2 Factor Authentication at the desktop

Valued Contributor

Posit: Requiring 2 factor authentication (2FA) to log in to a workstation (and unlock the screensaver) is a fool's endeavor because of lost productivity, high support cost, and user disenfranchisement. 2FA on sensitive apps, databases, etc. makes sense.

Agree or disagree? Why?


Valued Contributor III

I agree, because no workstation should contain data that would require 2FA to access. You want to keep your boundaries as tight as possible.

Esteemed Contributor III

We were looking at this a few months ago but never pursued it. Thoughts? Not two factor, but pretty nifty.



New Contributor

I would love this if it was possible with out a support burden. I would love to see something like our Chromebooks behave. Login from login screen is MFA but wake/unlock is not.

To take it a step further, I would like to be able to set similar option as I get to do in Okta for MFA.

Lastly, If i could have some sugar on top, I want to do this all with out reliance on a traditional LAN-bound AD.


Contributor III

Agree. User facing systems will be better served by biometric ID. I'm sure Apple is just trying to figure out where on earth to put the TouchID sensor on a laptop :)

Valued Contributor

@psliequ So long as TouchID remains obscured from the enterprise software, that sounds ok to me. Employer may not have my fingerprint. But we digress.

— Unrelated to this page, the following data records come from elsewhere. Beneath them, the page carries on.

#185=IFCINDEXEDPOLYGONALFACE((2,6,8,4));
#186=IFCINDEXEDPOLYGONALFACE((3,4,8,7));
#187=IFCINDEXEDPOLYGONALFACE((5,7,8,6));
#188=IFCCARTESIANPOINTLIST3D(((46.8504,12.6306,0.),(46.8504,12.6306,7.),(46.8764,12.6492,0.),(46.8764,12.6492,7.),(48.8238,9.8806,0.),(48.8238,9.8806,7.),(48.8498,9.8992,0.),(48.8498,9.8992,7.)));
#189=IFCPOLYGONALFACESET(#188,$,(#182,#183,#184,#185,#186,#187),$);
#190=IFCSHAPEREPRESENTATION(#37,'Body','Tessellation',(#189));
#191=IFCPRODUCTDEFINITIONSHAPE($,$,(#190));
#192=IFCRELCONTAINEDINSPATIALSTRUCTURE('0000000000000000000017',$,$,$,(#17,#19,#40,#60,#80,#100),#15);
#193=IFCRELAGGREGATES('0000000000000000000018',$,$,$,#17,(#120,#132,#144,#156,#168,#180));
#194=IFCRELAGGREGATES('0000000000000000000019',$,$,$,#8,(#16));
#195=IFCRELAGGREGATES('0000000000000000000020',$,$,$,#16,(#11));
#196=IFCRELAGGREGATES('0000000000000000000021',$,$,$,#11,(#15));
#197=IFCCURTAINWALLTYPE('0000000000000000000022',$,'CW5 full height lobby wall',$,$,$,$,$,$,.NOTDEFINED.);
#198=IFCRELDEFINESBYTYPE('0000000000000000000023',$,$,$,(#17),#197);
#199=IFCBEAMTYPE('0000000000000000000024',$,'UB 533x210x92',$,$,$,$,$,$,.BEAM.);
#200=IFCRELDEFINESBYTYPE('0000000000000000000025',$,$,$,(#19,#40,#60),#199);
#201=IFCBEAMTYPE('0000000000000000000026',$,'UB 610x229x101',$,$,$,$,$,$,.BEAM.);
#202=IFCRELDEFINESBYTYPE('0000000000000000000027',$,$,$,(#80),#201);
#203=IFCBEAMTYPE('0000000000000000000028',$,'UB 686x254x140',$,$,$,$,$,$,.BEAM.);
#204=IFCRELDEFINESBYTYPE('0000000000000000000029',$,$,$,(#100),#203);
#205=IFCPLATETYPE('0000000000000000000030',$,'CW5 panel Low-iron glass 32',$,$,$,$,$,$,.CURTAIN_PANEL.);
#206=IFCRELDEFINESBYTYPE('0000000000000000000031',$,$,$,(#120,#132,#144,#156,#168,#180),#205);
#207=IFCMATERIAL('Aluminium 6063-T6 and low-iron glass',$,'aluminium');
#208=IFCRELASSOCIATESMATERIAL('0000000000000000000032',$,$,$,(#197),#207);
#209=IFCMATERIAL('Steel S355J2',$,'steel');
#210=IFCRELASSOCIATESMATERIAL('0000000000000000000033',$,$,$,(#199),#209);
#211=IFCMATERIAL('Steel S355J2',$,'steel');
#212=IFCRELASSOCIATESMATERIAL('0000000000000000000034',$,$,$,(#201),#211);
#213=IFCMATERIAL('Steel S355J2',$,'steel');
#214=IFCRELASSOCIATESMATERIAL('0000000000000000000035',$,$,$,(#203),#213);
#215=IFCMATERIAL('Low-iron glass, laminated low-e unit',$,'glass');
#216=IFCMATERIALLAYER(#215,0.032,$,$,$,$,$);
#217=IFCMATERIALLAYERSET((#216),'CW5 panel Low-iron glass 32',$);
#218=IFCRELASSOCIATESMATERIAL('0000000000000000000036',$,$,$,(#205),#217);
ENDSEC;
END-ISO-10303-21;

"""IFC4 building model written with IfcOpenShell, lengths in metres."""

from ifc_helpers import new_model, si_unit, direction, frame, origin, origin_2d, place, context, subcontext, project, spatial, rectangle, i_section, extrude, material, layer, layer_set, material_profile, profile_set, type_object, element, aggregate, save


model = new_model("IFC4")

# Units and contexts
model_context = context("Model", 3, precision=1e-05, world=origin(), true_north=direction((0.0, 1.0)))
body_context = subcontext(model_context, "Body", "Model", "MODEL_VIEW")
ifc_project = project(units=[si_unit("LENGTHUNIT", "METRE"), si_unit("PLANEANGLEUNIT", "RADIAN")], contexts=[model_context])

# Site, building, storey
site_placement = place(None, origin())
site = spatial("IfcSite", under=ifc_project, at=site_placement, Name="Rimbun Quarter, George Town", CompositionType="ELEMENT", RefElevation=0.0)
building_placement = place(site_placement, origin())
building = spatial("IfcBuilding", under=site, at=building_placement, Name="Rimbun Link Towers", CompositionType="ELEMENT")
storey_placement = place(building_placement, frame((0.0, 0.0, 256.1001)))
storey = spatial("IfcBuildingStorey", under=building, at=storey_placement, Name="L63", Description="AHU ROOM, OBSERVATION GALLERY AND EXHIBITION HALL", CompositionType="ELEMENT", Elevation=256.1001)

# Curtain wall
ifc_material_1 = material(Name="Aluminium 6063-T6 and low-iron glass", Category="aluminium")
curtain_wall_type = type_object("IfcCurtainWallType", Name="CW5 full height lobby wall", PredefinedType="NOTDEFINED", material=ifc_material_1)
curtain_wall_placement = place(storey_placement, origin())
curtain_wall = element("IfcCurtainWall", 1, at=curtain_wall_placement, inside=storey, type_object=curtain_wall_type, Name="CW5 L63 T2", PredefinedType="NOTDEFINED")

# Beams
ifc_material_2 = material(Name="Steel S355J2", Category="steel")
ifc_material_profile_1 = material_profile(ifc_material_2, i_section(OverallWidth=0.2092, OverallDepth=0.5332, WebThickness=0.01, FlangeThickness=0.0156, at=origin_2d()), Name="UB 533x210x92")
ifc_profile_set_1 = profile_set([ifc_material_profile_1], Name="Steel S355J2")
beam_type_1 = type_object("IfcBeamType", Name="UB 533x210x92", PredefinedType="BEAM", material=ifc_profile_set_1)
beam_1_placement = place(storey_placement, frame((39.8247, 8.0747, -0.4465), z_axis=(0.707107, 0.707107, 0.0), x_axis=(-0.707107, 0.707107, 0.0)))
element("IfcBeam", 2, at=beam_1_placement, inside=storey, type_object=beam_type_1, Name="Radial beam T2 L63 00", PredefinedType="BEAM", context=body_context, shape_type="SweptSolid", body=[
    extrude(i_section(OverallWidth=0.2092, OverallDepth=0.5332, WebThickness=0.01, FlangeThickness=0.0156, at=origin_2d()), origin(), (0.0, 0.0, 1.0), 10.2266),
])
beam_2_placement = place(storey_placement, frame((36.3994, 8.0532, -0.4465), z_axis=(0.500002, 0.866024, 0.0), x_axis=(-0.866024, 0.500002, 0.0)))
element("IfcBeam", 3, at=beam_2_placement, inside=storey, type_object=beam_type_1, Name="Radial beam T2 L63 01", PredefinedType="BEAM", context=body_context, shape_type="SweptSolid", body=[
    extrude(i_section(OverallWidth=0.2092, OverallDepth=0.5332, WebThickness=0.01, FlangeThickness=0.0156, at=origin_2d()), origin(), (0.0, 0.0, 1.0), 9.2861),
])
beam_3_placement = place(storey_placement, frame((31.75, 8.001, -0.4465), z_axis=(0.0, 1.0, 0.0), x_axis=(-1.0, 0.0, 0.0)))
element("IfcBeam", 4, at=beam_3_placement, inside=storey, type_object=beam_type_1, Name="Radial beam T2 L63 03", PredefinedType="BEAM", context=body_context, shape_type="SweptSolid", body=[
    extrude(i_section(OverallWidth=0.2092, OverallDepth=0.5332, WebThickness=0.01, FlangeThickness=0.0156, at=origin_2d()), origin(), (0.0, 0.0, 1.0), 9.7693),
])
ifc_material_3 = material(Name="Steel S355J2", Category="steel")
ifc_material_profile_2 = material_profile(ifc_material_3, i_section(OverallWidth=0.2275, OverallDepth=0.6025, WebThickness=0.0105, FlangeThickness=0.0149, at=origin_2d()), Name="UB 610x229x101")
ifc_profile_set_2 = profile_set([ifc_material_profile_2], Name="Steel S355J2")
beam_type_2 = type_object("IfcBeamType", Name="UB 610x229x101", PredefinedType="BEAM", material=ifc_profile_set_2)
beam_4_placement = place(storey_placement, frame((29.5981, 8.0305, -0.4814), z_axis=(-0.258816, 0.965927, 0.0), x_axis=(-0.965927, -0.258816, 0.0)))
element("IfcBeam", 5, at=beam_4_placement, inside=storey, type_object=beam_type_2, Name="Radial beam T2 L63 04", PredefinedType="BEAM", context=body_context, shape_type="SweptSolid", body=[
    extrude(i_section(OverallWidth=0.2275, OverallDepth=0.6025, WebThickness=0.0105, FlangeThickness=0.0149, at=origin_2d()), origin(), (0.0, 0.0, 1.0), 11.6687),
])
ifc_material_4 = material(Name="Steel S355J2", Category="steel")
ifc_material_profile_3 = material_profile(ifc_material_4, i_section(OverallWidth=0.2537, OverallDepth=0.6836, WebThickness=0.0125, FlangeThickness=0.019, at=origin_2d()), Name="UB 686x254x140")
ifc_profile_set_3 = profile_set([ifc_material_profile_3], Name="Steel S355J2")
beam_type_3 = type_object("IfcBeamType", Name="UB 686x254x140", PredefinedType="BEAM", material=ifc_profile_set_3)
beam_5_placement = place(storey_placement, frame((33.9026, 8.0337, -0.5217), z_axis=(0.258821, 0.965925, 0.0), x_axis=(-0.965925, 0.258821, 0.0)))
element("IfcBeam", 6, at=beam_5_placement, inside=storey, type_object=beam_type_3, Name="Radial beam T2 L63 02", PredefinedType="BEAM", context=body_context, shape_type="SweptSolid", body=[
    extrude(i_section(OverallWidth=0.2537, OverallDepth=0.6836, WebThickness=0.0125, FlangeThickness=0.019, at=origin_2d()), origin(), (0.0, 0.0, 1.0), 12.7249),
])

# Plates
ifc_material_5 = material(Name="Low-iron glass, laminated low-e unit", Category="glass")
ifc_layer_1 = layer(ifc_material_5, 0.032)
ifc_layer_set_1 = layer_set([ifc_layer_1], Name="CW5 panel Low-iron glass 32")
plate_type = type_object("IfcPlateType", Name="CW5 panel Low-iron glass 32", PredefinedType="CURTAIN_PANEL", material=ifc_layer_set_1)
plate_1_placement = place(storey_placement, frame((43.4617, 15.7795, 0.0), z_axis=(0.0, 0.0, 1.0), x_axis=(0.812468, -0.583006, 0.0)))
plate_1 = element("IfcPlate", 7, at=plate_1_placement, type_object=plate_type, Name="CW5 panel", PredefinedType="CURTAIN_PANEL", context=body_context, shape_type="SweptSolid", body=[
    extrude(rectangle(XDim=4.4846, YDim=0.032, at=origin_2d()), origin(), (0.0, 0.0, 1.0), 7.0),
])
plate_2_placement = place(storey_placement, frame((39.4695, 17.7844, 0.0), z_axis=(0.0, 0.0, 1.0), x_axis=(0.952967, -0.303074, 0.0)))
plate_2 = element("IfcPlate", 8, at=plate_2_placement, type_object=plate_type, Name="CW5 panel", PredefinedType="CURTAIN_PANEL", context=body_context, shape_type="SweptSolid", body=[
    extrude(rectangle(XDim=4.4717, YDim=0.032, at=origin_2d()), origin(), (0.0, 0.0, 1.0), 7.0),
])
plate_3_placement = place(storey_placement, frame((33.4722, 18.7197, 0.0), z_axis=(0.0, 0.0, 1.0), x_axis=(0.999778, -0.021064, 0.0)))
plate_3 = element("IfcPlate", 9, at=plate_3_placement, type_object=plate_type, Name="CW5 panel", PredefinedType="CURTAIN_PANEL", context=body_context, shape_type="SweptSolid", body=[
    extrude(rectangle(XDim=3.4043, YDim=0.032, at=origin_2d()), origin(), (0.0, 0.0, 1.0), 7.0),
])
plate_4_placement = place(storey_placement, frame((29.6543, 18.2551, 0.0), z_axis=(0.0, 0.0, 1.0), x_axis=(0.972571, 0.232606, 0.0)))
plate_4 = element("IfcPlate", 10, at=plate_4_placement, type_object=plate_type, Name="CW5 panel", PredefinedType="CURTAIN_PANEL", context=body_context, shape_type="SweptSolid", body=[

At the end of the day, the device is mostly irrelevant from a security perspective. Secure data belongs in secure apps and/or cloud services (whether public or private). That's my position anyhow.

Contributor III

I was recently clued into MacID which in my own testing works very well. Sort of giving us biometric authentication on the Mac until such a sensor is baked into the hardware. Major advantage; you can auto lock the computer if the bluetooth signal of your iOS device goes below a certain dBm threshold.